Mit den genannten Partnern ist es nun Aufgabe der Wirtschaftsförderung des Landkreises und der Energieagentur, Hauseigentümer von den Vorteilen und spürbaren positiven Auswirkungen der Energieeffizienz oder der regenerativen Energiegewinnung über Solardachanlagen zu überzeugen.

Im Klimaschutzkonzept des Main-Tauber-Kreises ist festgehalten, dass in Deutschland durch energetische Sanierungen von Gebäuden rund 80 Prozent Energie eingespart werden kann. „Dies ist ein enormes Potenzial“, konstatiert Landrat Reinhard Frank. Trotz der drängenden Klimaschutzprobleme liegt die jährliche Sanierungsquote gegenwärtig aber nur bei einem Prozent der 37.000 Bestandsgebäude. Innerhalb des Main-Tauber-Kreises wird deshalb angestrebt, diese Quote auf zwe Prozent zu steigern. Dies entspräche pro Jahr 740 Wohngebäuden im Main-Tauber-Kreis. So fand diesbezüglich eine Auftaktveranstaltung in Niederstetten statt. In anschaulichen Beiträgen wurde aufgezeigt, dass durch energetische Sanierungen bei einer Sanierungsquote von zwei Prozent der Bestandsgebäude im Main-Tauber-Kreis pro Jahr knapp 10.200 Tonnen Co2 eingespart werden können.
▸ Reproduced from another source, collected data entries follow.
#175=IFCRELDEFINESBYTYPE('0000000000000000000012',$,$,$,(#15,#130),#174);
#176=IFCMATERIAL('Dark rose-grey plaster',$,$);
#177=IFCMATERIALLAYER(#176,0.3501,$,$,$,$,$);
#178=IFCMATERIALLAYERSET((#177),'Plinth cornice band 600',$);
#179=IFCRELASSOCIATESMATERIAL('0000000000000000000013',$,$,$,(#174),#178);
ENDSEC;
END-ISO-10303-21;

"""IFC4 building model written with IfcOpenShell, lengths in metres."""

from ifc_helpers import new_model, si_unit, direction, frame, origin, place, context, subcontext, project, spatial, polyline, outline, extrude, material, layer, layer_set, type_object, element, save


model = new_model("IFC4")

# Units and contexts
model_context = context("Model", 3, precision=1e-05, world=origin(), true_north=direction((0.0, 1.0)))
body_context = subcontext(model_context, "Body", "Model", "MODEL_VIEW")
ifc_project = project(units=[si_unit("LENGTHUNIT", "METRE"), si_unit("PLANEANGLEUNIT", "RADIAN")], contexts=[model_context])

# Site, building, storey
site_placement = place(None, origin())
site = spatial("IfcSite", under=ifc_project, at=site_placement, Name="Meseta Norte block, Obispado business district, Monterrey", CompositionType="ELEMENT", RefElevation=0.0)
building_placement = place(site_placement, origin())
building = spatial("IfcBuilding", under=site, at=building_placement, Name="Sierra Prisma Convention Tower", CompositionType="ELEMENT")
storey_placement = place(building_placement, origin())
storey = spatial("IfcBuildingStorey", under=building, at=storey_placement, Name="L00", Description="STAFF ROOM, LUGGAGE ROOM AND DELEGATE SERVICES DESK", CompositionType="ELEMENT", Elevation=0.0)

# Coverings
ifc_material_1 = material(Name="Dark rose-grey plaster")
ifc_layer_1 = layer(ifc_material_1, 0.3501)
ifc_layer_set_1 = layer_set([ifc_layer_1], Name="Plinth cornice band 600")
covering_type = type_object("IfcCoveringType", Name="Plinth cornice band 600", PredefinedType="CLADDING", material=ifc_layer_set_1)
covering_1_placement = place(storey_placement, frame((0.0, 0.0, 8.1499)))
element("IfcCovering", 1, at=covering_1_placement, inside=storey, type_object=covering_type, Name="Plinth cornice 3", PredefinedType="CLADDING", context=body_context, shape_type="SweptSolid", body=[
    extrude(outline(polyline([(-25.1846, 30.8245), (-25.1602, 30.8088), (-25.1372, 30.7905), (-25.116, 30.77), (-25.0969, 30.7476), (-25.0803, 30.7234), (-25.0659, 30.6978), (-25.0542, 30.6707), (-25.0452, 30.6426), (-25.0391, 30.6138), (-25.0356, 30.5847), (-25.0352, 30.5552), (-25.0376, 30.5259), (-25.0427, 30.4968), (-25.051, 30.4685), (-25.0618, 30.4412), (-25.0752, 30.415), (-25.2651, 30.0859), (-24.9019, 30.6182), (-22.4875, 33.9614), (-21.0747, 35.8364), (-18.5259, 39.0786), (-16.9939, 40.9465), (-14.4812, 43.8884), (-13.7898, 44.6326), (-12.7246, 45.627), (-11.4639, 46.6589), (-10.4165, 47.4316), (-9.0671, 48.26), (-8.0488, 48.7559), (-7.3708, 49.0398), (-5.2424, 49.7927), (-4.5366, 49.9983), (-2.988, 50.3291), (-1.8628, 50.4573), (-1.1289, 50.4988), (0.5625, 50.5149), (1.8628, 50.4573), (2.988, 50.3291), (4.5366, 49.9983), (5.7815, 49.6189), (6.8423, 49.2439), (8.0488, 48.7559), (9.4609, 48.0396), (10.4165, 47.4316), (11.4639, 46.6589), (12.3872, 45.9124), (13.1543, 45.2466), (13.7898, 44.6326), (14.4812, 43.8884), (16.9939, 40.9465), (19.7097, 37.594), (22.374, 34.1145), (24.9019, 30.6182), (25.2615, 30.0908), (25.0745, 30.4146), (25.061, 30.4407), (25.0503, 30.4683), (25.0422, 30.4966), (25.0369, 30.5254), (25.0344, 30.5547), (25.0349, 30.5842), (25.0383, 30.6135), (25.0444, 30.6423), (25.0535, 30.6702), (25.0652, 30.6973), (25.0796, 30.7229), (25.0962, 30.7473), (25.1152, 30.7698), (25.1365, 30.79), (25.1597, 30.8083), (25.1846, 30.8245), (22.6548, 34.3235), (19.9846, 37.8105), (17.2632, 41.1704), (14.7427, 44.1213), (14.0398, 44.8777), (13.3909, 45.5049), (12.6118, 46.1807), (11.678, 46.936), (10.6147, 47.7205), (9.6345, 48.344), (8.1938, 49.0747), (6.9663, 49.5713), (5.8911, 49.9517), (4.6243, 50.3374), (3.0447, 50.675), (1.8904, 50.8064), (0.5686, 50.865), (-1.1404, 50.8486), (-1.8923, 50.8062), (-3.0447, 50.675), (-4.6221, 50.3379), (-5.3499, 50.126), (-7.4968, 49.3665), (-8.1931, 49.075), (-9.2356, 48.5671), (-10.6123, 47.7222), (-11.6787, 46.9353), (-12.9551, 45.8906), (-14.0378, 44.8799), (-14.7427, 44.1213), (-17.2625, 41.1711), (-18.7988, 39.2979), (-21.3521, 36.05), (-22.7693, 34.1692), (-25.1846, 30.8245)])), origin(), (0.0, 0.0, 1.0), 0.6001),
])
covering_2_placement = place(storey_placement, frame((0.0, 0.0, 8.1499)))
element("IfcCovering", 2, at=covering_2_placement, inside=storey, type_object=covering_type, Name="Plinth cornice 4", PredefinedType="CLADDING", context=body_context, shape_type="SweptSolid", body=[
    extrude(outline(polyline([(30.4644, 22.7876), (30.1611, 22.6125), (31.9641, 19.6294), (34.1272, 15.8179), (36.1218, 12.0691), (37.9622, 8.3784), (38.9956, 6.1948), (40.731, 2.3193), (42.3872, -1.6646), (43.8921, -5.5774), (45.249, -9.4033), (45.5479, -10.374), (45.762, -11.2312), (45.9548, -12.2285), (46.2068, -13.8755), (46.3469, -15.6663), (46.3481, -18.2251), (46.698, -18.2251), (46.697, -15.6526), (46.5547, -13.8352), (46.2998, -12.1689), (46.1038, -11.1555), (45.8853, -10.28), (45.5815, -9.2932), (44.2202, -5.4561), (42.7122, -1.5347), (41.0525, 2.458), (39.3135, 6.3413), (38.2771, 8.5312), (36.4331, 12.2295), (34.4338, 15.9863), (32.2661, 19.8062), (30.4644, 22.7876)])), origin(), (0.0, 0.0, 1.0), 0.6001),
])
Ebenso sind beachtliche Werte bei der Energieeinsparung erzielbar. So verliert beispielsweise ein in den 1958 bis 1968er Jahren gebautes Einfamilienhaus – soweit energetisch nicht saniert – rund 21 Prozent seiner Energie über die Dachflächen, rund 33,9 Prozent über die Außenfassade und rund 13,2 Prozent über die Fenster. Verluste bringen auch ältere Heiz- und Warmwasserbereitungsanlagen.
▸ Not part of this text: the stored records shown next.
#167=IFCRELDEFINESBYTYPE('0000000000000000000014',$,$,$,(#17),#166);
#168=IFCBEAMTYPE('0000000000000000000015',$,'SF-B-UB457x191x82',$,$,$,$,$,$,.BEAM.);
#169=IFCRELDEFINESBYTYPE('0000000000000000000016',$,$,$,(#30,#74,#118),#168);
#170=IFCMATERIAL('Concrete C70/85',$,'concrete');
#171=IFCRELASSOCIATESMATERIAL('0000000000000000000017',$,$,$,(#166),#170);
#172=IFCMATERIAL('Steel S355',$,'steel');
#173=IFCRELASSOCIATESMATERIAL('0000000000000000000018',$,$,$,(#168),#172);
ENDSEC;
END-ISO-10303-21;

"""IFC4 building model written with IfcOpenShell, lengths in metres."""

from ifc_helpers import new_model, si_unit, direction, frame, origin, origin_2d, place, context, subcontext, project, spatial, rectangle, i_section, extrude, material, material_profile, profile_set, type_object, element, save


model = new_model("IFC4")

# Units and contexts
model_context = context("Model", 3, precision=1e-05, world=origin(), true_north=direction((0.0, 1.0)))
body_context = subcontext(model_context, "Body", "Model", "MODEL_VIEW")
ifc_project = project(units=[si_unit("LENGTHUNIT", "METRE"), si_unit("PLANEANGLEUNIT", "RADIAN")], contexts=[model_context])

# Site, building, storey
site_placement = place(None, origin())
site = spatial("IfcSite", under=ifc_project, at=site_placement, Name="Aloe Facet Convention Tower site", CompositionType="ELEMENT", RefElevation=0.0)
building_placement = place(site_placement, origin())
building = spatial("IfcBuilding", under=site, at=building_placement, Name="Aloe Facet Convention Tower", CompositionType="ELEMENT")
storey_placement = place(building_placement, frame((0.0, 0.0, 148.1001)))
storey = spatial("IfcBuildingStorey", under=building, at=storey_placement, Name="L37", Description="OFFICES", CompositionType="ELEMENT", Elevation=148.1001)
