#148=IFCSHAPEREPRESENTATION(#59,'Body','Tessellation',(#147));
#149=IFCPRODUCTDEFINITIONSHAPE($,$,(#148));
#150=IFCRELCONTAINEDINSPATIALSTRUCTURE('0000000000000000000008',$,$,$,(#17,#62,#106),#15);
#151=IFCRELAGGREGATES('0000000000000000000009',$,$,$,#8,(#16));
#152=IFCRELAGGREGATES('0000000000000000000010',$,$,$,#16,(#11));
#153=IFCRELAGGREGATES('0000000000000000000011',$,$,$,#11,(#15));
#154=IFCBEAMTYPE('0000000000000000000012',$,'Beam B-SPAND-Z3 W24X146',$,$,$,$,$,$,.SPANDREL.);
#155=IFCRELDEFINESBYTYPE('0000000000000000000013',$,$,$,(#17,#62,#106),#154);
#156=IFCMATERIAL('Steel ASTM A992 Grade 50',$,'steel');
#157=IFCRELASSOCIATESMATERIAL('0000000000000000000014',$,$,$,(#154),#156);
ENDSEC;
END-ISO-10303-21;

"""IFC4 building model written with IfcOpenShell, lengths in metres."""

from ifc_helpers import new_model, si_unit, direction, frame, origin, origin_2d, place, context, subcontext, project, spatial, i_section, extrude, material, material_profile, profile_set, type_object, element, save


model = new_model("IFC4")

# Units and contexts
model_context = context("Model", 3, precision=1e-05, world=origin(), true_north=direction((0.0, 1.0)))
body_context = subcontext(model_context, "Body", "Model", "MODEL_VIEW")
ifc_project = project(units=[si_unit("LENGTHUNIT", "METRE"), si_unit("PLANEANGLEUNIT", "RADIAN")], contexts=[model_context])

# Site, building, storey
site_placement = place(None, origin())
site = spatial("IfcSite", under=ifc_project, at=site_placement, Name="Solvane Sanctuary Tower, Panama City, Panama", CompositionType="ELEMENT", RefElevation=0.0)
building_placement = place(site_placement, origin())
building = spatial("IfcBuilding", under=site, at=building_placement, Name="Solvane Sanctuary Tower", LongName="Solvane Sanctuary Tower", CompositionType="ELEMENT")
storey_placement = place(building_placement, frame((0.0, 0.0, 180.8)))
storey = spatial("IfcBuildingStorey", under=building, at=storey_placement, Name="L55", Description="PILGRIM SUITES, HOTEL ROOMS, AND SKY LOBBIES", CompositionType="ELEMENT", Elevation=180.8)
In der Auftaktveranstaltung in Niederstetten wurde geworben, regenerative Energie aus Solardachanlagen zu gewinnen. Gegenwärtig sind mehr als 6.000 Photovoltaikanlagen auf Dachflächen im Main-Tauber-Kreis installiert. Dies entspricht etwa acht Prozent der Gebäude im Landkreis. Untersuchungen belegen allerdings, dass rund 35 Prozent der vorhandenen Wohngebäude Potenzialflächen für Solarenergie auf Dächern bieten. „Wir streben deshalb an, rund 20 Prozent dieses Potenzials in den nächsten Jahren über Solardachenergie zu nutzen“, führt auch Felix Hemmerich von der Energieagentur Main-Tauber aus. Hierzu ist es ebenfalls notwendig, dass Hauseigentümer für diese Art der regenerativen Energiegewinnung gewonnen werden. Nahtlos fließt bei der Solarenergie auch das Thema „Elektromobilität“ ein, welches über Wall-Boxen umgesetzt werden kann.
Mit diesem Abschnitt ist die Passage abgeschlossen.